A body is projected horizontally with speed `30m//s` from a very high tower. What will be its speed after 4sec-

To solve the problem of finding the speed of a body projected horizontally from a high tower after 4 seconds, we can break it down into steps. ### Step-by-Step Solution: 1. **Identify the Components of Motion**: - The body is projected horizontally with an initial horizontal speed \( u = 30 \, \text{m/s} \). - There is no initial vertical speed, so the vertical component of velocity at the start is \( v_{y0} = 0 \). 2. **Calculate the Vertical Velocity After 4 Seconds**: - The vertical motion is influenced by gravity.
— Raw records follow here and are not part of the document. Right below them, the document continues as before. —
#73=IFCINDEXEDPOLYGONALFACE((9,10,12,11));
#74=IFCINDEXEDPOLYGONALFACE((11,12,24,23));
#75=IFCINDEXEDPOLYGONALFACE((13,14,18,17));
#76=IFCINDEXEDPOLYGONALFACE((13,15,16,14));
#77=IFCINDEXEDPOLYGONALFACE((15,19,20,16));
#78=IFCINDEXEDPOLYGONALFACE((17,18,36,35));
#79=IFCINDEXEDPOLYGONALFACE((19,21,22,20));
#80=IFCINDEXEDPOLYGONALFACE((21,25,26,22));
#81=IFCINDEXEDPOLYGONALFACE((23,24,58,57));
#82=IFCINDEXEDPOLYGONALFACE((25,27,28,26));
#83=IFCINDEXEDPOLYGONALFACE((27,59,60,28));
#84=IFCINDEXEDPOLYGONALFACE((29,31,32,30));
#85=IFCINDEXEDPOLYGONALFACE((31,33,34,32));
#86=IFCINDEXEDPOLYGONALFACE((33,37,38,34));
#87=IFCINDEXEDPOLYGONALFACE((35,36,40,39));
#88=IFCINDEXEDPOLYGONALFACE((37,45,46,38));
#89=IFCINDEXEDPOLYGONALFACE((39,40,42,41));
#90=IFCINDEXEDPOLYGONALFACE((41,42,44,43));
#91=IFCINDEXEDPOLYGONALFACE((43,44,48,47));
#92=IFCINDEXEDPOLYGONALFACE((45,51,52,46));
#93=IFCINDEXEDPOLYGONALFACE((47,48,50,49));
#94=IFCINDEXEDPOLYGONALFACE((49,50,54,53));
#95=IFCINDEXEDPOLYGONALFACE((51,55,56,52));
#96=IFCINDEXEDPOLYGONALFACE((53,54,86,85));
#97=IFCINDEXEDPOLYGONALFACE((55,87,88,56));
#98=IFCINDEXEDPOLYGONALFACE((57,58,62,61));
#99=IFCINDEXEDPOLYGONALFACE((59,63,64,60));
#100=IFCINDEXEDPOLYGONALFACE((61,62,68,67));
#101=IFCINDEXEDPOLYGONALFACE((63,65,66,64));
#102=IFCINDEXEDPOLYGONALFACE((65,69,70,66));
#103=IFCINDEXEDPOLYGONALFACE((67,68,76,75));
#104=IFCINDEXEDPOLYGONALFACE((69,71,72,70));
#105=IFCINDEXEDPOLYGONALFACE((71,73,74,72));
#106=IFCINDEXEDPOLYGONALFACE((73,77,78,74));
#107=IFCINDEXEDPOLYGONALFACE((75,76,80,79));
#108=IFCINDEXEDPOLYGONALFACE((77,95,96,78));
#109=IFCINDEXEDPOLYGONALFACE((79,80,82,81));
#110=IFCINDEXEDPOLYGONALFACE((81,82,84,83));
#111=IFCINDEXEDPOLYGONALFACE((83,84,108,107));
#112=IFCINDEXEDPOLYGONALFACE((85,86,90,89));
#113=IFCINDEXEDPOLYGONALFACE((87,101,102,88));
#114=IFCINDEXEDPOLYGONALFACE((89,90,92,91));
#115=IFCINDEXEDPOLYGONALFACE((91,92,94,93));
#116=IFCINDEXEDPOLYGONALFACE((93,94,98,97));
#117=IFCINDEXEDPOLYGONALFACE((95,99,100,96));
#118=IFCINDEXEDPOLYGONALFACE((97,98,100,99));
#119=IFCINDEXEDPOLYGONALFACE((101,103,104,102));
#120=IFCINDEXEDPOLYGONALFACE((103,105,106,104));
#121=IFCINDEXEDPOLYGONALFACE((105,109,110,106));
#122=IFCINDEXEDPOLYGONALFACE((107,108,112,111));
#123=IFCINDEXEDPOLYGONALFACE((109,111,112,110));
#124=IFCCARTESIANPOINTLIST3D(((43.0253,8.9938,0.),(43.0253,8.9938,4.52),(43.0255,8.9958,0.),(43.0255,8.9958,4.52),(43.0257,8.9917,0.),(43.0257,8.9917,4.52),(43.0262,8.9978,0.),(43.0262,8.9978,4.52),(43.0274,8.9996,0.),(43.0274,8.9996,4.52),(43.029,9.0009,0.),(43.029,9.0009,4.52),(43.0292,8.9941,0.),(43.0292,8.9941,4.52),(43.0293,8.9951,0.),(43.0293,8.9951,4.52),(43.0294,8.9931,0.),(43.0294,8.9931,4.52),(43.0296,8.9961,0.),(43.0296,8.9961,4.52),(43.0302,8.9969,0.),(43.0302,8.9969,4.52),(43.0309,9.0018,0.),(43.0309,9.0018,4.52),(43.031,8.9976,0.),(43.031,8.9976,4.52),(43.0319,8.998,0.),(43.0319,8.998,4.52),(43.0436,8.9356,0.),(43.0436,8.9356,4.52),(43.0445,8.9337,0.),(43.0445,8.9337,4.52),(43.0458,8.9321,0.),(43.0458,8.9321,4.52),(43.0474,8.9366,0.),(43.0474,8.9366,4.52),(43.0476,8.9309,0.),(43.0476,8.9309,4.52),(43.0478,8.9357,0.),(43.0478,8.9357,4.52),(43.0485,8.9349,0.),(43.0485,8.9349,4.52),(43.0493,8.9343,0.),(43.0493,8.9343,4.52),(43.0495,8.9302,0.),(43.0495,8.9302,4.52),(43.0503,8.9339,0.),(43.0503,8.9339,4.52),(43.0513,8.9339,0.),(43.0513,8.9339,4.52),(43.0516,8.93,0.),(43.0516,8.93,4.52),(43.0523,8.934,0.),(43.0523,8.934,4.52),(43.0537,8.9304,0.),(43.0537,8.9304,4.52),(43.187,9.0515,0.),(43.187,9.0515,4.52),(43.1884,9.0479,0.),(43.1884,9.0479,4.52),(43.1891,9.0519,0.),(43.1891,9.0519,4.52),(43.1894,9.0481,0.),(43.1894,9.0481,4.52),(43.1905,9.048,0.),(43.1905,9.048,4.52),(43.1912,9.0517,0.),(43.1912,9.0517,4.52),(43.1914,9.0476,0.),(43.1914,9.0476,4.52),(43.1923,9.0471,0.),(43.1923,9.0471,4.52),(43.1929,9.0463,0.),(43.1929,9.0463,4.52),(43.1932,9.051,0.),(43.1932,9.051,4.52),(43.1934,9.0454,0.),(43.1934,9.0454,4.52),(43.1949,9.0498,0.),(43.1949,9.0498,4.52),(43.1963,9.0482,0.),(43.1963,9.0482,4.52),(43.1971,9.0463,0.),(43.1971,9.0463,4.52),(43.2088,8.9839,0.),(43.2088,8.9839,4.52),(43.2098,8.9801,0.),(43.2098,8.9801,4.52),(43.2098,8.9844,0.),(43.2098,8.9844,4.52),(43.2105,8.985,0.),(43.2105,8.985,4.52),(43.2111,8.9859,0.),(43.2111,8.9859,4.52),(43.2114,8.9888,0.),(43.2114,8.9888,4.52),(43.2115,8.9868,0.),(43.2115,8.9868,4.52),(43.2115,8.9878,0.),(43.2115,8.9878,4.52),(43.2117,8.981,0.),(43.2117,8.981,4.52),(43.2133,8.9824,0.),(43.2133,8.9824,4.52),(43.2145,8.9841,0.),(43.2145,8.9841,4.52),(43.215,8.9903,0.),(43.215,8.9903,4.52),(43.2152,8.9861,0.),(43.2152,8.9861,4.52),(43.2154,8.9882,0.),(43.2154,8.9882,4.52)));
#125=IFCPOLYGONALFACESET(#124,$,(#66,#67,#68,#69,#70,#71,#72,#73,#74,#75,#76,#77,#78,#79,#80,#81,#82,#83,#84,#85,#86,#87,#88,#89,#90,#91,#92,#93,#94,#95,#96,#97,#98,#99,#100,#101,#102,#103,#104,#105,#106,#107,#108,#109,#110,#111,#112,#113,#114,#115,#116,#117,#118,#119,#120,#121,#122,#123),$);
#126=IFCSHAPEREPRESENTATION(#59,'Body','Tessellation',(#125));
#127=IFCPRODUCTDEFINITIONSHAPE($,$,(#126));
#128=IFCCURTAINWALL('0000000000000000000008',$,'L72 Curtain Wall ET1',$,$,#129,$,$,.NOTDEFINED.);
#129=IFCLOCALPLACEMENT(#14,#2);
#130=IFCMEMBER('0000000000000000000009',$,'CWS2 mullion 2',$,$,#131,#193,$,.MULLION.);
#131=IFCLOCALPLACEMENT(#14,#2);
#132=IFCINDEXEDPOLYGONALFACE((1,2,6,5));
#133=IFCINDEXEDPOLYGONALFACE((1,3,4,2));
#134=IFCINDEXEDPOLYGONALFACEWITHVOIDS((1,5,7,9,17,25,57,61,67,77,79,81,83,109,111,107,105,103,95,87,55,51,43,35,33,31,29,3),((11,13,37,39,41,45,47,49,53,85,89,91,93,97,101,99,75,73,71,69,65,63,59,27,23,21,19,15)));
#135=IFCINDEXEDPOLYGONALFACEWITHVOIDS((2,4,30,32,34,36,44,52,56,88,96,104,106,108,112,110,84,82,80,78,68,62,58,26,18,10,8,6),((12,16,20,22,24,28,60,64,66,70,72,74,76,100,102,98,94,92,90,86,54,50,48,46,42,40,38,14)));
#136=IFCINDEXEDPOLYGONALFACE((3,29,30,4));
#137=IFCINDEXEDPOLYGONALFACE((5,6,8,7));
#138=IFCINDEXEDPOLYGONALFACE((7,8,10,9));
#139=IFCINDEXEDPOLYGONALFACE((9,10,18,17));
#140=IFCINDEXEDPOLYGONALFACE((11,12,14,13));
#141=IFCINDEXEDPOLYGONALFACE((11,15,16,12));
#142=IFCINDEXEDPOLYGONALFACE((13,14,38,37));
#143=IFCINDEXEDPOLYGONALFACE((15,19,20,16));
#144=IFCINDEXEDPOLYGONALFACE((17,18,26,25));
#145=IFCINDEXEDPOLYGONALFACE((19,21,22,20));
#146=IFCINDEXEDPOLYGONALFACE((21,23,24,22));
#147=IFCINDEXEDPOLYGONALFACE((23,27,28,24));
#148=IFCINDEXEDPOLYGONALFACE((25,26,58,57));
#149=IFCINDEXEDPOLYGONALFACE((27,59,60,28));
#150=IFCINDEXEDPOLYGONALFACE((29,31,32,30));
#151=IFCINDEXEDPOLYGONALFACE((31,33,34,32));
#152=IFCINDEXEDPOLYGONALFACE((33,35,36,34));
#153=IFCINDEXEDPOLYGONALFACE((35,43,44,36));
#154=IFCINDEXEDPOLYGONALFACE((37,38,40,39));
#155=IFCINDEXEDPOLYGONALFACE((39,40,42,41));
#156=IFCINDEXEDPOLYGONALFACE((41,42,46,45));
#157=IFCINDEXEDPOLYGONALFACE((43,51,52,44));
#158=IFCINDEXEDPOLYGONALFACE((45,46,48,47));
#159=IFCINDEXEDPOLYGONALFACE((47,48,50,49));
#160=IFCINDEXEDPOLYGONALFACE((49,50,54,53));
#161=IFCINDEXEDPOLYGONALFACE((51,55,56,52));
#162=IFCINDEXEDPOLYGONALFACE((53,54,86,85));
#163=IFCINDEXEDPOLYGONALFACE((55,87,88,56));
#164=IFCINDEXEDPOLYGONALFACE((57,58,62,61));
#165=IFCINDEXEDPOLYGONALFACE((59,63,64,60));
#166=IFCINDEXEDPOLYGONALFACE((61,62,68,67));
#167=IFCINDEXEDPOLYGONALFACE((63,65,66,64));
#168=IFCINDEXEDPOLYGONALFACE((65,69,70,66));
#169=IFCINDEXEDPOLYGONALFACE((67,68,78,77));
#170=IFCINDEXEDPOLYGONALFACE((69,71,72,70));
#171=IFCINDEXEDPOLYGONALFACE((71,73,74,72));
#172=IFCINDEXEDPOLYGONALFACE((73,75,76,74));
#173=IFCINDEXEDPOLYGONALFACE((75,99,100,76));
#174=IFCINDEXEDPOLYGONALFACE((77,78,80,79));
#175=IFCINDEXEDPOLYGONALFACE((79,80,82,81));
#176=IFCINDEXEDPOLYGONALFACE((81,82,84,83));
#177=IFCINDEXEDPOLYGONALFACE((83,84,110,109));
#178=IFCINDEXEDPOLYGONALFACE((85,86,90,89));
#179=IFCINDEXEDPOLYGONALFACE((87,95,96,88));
The vertical velocity after time \( t \) can be calculated using the formula: \[ v_y = v_{y0} + gt \] - Where: - \( g \) is the acceleration due to gravity, approximately \( 10 \, \text{m/s}^2 \). - \( t = 4 \, \text{s} \). - Substituting the values: \[ v_y = 0 + (10 \, \text{m/s}^2)(4 \, \text{s}) = 40 \, \text{m/s} \] 3. **Determine the Resultant Velocity**: - The resultant velocity \( v \) of the body after 4 seconds can be found using the Pythagorean theorem, since the horizontal and vertical motions are perpendicular to each other. - The resultant velocity is given by: \[ v = \sqrt{u^2 + v_y^2} \] - Substituting the known values: \[ v = \sqrt{(30 \, \text{m/s})^2 + (40 \, \text{m/s})^2} \] \[ v = \sqrt{900 + 1600} = \sqrt{2500} = 50 \, \text{m/s} \] 4. **Final Answer**: - The speed of the body after 4 seconds is \( 50 \, \text{m/s} \).